Genetic characterization of non-Hodgkin lymphomas using in situ hybridization

Fluorescence in situ hybridization (FISH) has been shown to be a valuable and important technique in cytogenetics, as a complement to traditional banding analysis. This thesis focus on the characterization of chromosomal rearrangements in two hematological neoplasias, myelodysplastic syndrome (MDS) and non-Hodgkin lymphoma (NHL) using FISH.

The increased cytogenetic resolution obtained by FISH, made it possible to identify a true-whole arm translocation consisting of 17q and 18q, in a case of MDS. The derivative chromosome had a centromere with sequences from both chromosomes 17 and 18. Thus, a breakpoint on either of the p-arms could be excluded, and it could be concluded that the rearrangment resulted in monosomy of 17p and 18p without affecting expressed genes located in the centromeric region. Chromosome painting, FISH with chromosome specific libraries, on short term cultures of NHL showed that chromosomal rearrangements were often more complex than the banding analysis predicted. Painting analysis could contribute with new information, not only of translocations, but also of true deletions and amplification. This could significantly clarify the true karyotype of the malignant cell. A recurring rearrangement in NHL is additional material on the tip of the short arm of chromosome 1.
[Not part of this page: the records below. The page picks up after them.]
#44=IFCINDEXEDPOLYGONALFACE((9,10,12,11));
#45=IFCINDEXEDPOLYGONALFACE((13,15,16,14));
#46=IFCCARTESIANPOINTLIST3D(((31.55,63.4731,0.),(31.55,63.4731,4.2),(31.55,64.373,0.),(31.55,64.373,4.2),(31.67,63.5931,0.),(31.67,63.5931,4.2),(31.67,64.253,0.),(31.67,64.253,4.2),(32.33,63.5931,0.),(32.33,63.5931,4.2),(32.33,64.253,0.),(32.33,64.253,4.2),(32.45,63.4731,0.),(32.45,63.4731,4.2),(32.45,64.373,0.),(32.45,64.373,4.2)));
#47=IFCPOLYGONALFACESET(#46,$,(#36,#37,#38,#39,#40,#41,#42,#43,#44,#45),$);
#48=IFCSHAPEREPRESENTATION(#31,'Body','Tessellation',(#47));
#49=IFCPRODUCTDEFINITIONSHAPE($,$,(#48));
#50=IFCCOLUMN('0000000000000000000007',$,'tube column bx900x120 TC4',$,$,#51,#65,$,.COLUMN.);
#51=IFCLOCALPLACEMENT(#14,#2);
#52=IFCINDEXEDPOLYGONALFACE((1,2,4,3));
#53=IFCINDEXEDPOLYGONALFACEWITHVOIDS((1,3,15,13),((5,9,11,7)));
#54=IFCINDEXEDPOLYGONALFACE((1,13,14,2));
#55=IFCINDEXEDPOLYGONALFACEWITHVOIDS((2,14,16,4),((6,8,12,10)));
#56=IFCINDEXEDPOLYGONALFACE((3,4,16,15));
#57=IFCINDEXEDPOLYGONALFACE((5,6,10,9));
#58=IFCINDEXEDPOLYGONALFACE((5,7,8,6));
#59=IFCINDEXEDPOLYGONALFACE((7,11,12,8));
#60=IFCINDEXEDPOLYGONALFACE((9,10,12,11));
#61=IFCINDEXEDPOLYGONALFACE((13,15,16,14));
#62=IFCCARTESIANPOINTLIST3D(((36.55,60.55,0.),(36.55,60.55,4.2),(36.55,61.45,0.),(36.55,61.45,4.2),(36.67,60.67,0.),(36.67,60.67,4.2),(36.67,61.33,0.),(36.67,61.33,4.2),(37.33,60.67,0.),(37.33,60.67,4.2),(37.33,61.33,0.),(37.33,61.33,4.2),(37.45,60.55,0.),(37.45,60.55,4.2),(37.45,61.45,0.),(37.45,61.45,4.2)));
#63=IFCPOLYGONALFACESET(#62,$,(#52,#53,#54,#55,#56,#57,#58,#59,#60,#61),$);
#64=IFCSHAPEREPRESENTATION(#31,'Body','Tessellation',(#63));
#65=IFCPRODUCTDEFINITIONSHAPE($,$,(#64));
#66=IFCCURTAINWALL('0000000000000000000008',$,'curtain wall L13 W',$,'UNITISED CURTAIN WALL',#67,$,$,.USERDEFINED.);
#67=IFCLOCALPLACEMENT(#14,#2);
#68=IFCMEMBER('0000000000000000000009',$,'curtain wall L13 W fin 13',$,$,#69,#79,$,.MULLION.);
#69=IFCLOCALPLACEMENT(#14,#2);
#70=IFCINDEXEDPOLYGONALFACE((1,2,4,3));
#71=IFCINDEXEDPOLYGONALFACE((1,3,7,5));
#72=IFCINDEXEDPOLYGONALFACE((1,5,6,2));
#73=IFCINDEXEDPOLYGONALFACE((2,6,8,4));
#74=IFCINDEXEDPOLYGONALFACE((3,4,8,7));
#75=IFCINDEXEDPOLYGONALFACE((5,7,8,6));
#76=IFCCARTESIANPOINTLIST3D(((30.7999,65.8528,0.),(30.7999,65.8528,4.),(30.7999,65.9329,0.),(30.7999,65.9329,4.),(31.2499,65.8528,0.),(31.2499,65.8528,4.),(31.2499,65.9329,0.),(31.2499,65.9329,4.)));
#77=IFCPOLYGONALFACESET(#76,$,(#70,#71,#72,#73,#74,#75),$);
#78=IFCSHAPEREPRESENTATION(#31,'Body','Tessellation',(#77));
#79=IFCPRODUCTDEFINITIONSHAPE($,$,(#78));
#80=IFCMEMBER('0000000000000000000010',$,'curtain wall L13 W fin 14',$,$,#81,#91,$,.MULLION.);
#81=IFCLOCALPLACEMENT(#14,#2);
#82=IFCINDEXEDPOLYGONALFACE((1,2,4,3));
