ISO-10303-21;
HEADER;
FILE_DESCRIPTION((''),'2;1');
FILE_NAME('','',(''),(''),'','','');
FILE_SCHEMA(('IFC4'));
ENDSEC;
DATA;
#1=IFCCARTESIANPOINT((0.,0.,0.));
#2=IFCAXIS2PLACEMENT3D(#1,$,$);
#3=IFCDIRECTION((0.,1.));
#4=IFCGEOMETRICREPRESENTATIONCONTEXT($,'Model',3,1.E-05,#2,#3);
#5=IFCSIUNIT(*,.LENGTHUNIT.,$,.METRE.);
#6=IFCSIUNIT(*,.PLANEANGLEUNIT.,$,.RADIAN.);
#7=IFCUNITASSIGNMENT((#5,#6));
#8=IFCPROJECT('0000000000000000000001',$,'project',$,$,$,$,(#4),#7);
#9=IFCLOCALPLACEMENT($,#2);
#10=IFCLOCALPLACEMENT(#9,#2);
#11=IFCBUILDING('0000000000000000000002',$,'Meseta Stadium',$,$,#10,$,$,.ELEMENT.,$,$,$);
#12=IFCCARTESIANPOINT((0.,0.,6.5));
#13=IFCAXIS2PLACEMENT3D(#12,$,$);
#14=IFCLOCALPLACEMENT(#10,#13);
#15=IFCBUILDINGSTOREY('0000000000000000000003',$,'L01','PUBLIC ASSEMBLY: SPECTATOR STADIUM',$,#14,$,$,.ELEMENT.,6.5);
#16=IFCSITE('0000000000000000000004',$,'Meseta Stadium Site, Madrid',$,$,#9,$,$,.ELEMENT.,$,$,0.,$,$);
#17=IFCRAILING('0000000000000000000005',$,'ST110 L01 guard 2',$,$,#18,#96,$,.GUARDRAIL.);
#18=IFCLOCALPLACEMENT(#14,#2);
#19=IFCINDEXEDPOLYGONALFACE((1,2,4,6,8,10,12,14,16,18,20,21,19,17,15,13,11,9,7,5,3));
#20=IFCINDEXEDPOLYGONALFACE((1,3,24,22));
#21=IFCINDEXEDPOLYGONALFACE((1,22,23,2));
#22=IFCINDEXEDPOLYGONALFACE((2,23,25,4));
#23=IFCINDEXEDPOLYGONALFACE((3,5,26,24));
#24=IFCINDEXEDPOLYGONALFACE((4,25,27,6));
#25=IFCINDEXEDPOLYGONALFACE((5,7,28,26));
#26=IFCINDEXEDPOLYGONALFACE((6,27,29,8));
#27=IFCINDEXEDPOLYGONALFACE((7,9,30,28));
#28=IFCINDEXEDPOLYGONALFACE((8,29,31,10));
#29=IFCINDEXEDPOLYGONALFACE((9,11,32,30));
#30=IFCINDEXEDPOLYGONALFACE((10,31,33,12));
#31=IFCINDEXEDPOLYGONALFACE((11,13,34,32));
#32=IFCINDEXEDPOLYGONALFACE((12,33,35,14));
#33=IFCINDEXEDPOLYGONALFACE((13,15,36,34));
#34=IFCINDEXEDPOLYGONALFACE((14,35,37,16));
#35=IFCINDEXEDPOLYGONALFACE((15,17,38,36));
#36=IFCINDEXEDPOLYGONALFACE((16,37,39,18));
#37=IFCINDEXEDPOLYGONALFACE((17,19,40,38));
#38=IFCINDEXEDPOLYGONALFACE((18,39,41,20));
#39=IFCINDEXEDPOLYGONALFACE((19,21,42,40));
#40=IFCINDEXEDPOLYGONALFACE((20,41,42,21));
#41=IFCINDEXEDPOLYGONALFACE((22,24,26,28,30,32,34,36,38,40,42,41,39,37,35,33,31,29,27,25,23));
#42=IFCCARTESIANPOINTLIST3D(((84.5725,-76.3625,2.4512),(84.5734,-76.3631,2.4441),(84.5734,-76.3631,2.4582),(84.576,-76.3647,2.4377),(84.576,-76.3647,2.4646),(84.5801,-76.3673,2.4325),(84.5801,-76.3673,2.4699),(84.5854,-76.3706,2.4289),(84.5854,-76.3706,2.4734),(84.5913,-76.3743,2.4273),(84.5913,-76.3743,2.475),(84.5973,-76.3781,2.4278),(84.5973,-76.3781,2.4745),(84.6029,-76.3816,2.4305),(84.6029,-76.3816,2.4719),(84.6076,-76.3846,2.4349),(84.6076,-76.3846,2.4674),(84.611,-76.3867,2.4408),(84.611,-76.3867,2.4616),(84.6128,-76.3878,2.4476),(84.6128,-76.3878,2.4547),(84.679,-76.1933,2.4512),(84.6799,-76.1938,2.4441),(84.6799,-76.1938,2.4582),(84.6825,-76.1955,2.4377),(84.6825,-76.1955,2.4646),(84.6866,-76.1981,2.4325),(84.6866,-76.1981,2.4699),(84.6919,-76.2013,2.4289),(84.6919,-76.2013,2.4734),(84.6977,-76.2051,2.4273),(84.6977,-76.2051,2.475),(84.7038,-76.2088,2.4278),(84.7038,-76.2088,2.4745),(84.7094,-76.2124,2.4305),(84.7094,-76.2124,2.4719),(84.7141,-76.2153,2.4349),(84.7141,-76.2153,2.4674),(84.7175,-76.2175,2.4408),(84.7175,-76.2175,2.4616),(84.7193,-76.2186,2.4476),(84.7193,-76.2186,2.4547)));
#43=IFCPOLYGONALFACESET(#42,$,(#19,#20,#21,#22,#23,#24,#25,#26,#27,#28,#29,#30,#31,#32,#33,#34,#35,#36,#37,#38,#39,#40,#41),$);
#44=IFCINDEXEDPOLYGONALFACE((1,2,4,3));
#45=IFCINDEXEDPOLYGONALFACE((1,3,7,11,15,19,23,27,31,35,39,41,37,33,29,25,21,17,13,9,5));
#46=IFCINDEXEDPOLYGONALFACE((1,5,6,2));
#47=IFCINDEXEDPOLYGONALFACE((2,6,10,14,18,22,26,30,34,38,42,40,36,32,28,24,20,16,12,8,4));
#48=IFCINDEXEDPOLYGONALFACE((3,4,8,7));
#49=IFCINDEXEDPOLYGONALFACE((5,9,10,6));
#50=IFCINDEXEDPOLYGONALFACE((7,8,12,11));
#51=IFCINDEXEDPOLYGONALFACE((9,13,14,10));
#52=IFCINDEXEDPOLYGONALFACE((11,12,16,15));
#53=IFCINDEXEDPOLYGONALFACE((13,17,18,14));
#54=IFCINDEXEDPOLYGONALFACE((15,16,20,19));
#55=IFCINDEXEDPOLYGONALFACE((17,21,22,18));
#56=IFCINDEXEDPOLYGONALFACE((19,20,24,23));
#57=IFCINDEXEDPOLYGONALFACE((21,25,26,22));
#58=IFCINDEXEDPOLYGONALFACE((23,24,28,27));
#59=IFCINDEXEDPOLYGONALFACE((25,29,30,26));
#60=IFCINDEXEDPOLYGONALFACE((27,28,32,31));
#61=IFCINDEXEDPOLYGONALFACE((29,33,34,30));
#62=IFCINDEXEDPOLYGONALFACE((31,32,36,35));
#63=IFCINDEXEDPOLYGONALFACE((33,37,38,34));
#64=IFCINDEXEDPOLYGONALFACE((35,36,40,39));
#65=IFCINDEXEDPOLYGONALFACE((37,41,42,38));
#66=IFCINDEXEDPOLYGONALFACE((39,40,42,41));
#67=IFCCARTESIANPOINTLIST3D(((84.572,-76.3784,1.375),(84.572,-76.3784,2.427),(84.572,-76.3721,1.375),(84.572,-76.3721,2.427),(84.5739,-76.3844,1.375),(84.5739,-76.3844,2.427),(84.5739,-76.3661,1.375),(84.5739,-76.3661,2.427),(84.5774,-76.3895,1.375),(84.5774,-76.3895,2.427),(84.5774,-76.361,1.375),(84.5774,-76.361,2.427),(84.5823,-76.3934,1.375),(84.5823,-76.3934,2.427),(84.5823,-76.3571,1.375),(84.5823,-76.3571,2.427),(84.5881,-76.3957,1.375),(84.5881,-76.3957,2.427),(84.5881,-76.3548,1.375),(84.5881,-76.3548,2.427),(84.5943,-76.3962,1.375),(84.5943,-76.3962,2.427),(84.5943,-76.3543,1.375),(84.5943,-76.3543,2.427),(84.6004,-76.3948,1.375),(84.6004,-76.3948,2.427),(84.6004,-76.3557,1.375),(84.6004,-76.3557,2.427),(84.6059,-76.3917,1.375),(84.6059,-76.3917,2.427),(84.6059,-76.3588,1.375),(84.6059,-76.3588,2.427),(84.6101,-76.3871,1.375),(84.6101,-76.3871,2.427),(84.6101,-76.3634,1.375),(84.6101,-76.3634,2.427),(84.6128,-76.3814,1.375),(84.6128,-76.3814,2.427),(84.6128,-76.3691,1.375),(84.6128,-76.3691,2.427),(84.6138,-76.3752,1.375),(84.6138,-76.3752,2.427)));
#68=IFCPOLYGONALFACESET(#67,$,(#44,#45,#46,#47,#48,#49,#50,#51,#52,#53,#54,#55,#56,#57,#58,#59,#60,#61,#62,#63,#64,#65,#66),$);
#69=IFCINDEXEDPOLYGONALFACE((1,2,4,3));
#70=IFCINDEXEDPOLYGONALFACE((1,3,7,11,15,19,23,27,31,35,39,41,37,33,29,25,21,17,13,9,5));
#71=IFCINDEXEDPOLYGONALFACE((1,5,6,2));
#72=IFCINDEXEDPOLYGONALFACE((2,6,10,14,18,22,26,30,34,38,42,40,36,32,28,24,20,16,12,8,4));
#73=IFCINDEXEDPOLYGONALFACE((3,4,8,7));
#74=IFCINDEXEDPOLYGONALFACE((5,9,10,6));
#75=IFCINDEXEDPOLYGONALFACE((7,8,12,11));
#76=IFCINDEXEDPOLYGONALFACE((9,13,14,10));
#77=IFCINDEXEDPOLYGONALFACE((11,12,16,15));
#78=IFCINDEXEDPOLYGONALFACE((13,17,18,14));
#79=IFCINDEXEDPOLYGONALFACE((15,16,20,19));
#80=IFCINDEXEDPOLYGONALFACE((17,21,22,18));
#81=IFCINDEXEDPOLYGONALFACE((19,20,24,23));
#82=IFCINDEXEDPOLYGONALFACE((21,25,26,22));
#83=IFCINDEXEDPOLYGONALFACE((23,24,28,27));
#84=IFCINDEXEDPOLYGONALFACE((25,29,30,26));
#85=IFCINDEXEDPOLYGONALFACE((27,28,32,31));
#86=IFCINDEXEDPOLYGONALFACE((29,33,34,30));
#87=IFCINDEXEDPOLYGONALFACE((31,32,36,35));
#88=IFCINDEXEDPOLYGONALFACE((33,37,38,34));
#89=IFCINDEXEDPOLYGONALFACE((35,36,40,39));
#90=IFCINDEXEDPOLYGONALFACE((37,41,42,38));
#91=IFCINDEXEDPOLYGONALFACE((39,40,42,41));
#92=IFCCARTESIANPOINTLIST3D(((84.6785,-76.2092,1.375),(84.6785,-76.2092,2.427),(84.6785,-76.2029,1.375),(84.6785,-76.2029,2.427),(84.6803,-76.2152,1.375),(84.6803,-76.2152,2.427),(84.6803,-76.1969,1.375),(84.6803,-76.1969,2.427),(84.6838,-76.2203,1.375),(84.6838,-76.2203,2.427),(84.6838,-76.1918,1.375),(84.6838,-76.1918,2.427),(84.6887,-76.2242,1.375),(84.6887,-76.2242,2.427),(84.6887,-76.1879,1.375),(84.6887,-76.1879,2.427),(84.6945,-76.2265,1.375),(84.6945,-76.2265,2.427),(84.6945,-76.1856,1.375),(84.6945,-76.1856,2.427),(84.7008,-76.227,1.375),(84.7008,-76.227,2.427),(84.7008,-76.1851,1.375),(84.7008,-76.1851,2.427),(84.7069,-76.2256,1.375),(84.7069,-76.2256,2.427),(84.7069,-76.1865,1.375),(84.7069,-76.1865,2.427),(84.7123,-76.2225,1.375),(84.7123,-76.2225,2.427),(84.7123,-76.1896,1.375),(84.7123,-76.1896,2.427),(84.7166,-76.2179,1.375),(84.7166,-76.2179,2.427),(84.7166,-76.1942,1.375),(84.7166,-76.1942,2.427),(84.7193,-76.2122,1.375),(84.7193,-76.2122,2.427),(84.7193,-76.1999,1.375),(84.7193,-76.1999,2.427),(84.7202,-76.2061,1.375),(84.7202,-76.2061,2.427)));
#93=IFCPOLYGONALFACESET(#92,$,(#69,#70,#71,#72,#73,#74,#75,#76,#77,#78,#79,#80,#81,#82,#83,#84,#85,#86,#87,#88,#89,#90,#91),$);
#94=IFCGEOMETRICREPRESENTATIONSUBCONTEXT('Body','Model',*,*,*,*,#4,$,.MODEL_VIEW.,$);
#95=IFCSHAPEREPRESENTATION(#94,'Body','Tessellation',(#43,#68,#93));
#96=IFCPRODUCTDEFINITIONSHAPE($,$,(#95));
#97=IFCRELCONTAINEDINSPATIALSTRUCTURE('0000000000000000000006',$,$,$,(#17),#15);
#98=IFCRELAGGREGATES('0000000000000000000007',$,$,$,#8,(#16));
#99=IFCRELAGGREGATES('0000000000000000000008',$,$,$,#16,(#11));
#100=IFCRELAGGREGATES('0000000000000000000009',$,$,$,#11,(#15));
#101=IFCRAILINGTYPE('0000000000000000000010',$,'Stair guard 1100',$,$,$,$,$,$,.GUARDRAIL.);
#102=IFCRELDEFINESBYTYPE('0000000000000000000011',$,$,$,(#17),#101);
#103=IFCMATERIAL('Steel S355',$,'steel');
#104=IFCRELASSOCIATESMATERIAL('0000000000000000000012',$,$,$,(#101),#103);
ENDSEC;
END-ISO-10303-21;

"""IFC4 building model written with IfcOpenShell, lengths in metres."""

from ifc_helpers import new_model, si_unit, direction, frame, origin, origin_2d, place, context, subcontext, project, spatial, circle, extrude, material, type_object, element, save


model = new_model("IFC4")

# Units and contexts
model_context = context("Model", 3, precision=1e-05, world=origin(), true_north=direction((0.0, 1.0)))
body_context = subcontext(model_context, "Body", "Model", "MODEL_VIEW")
ifc_project = project(units=[si_unit("LENGTHUNIT", "METRE"), si_unit("PLANEANGLEUNIT", "RADIAN")], contexts=[model_context])

# Site, building, storey
site_placement = place(None, origin())
site = spatial("IfcSite", under=ifc_project, at=site_placement, Name="Meseta Stadium Site, Madrid", CompositionType="ELEMENT", RefElevation=0.0)
building_placement = place(site_placement, origin())
building = spatial("IfcBuilding", under=site, at=building_placement, Name="Meseta Stadium", CompositionType="ELEMENT")
storey_placement = place(building_placement, frame((0.0, 0.0, 6.5)))
storey = spatial("IfcBuildingStorey", under=building, at=storey_placement, Name="L01", Description="PUBLIC ASSEMBLY: SPECTATOR STADIUM", CompositionType="ELEMENT", Elevation=6.5)

# Railing
ifc_material_1 = material(Name="Steel S355", Category="steel")
railing_type_1 = type_object("IfcRailingType", Name="Stair guard 1100", PredefinedType="GUARDRAIL", material=ifc_material_1)
railing_1_placement = place(storey_placement, frame((84.5928, -76.3752, 1.375)))
element("IfcRailing", 1, at=railing_1_placement, inside=storey, type_object=railing_type_1, Name="ST110 L01 guard 2", PredefinedType="GUARDRAIL", context=body_context, shape_type="SweptSolid", body=[
    extrude(circle(Radius=0.0239, at=origin_2d()), frame((0.0, 0.0, 1.0762), z_axis=(0.532522, 0.846416, 0.0), x_axis=(-0.846416, 0.532522, 0.0)), (0.0, 0.0, 1.0), 0.2),
    extrude(circle(Radius=0.021, at=origin_2d()), origin(), (0.0, 0.0, 1.0), 1.052),
    extrude(circle(Radius=0.021, at=origin_2d()), frame((0.1064, 0.1692, 0.0)), (0.0, 0.0, 1.0), 1.052),
])

save(model, "model.ifc")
Using chromosome specific libraries it was possible to show that, in three out of nine such cases, the extra chromosomal material originated from the long arm of chromosome 2, resulting in a der(1)t(1;2). The three cases were all follicular NHL, although none of them had the t(14;18) found in 85-90% of follicular lymphomas. In addition, one of the cases, had the der(1)t(1;2) as the only rearrangement in one of two malignant clones. All three cases had the der(1)t(1;2) in addition to two normal chromosome 2 homologs, leading to a duplication of 2q31-qter. These findings exemplifies that new cytogenetic subgroups can be identified when banding analysis is complemented with chromosome painting.
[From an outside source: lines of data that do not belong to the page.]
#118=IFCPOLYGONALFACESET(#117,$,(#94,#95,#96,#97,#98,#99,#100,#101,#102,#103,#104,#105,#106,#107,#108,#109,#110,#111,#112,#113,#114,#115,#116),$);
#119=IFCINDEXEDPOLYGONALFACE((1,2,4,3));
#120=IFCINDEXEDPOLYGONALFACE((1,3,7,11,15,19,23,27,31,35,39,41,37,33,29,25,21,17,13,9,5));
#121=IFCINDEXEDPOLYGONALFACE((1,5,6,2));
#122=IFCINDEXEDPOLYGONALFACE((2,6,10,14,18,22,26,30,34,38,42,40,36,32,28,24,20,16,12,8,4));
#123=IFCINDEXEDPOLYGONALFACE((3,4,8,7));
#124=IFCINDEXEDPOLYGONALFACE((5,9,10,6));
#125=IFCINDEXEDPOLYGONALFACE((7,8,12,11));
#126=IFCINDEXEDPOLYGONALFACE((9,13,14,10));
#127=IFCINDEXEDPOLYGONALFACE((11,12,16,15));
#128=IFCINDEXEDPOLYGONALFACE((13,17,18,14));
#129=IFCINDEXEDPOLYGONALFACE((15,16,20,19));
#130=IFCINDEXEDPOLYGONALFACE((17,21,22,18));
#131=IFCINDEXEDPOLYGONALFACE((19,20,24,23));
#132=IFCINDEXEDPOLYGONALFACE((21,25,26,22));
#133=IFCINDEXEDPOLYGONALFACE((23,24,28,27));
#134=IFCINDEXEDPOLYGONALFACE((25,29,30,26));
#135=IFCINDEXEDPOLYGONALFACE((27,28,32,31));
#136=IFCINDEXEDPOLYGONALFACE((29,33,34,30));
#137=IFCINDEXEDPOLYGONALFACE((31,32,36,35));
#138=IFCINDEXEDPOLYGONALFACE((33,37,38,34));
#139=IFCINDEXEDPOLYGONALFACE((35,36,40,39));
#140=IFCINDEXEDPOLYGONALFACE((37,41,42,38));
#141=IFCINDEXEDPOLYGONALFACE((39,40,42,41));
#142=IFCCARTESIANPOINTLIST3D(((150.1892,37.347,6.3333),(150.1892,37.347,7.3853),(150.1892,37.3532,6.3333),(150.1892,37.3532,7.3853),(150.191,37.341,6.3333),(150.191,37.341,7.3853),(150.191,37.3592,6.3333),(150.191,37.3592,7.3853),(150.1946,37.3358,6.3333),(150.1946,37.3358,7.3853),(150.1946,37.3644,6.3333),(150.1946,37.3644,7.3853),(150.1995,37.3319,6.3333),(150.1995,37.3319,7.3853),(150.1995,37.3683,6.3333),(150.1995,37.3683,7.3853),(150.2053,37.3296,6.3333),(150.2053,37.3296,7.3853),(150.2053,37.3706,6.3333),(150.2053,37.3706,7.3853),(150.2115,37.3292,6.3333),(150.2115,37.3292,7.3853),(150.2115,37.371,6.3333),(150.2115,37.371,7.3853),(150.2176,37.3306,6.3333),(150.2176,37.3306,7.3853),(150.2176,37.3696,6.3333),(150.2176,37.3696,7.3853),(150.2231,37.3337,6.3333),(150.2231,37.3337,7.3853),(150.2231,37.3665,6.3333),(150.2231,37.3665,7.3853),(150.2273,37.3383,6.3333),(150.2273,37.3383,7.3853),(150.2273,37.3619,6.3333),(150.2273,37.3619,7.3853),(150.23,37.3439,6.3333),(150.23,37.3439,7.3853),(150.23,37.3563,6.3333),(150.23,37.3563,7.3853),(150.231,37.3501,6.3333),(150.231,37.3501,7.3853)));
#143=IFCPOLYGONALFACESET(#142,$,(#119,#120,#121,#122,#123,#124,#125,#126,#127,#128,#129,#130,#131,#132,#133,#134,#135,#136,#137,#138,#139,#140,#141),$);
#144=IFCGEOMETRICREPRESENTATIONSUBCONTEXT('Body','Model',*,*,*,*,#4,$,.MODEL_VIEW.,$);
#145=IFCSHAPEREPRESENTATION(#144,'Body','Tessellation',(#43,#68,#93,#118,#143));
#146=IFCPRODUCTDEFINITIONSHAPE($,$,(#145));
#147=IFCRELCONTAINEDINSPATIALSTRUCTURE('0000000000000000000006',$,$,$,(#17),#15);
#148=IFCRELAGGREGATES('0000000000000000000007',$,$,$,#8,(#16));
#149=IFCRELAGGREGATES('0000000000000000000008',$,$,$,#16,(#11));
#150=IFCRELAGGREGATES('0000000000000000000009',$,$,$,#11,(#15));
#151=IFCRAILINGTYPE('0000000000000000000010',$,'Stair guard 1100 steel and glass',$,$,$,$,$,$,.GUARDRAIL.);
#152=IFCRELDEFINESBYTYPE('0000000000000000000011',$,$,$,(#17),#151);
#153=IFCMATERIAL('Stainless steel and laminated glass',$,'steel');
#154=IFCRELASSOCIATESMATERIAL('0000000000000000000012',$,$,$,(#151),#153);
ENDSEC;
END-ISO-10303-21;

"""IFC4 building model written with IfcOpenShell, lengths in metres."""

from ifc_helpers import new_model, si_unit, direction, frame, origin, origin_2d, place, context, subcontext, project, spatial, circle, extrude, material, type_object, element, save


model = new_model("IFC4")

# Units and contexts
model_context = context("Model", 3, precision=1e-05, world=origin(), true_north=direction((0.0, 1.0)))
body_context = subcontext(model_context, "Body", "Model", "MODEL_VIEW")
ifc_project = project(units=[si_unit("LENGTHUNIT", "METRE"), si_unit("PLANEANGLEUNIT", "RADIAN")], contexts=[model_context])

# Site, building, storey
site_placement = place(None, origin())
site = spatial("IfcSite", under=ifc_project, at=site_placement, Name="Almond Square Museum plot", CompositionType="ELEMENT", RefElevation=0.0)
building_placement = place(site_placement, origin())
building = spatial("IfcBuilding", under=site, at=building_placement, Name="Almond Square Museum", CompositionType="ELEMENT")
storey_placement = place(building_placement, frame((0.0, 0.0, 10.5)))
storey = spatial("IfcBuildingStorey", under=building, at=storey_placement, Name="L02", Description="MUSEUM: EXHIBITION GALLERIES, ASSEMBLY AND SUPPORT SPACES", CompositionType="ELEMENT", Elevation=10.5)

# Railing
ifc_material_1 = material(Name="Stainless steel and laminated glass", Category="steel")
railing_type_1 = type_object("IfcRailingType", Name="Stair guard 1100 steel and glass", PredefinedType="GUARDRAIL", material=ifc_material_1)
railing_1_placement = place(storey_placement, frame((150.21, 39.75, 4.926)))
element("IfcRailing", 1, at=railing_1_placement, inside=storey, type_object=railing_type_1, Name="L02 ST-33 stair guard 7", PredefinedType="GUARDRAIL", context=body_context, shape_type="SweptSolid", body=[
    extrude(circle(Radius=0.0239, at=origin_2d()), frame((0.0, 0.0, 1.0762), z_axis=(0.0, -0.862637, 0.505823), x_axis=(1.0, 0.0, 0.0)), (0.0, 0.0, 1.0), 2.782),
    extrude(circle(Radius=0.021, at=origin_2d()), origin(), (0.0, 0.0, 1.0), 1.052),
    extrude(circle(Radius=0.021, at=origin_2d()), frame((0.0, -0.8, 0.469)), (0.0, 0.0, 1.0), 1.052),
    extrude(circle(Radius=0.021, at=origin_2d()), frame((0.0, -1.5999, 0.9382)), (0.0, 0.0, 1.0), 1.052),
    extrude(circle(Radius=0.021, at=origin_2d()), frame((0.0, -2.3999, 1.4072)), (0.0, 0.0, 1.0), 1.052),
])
Furthermore, we found a case of NHL with a der(22)t(2;22) as a sole aberration. This results in a cytogenetically identical duplication of 2q31-qter, as in the cases with der(1)t(1;2). These findings suggest that cancer relevant genes may be located at the distal 2q.LAZ3/BCL6 gene has been implicated in tumorigenesis of NHL. Therefore the expression pattern of the LAZ3/BCL6 gene was studied, using RNA in situ hybridization. It was shown that LAZ3/BCL6 is expressed in follicular center(FC) B-cells of both non-malignant reactive lymph nodes and FC-derived non-Hodgkin lymphomas. Furthermore, LAZ3/BCL6 is expressed in a number of different tissues such as skeletal muscle, spinal cord, trachea, and peripheral blood leukocytes. The data clearly show that the expression of the LAZ3/BCL6is not confined to the malignant cells, and thus its role in the malignant transformation must be reconsidered.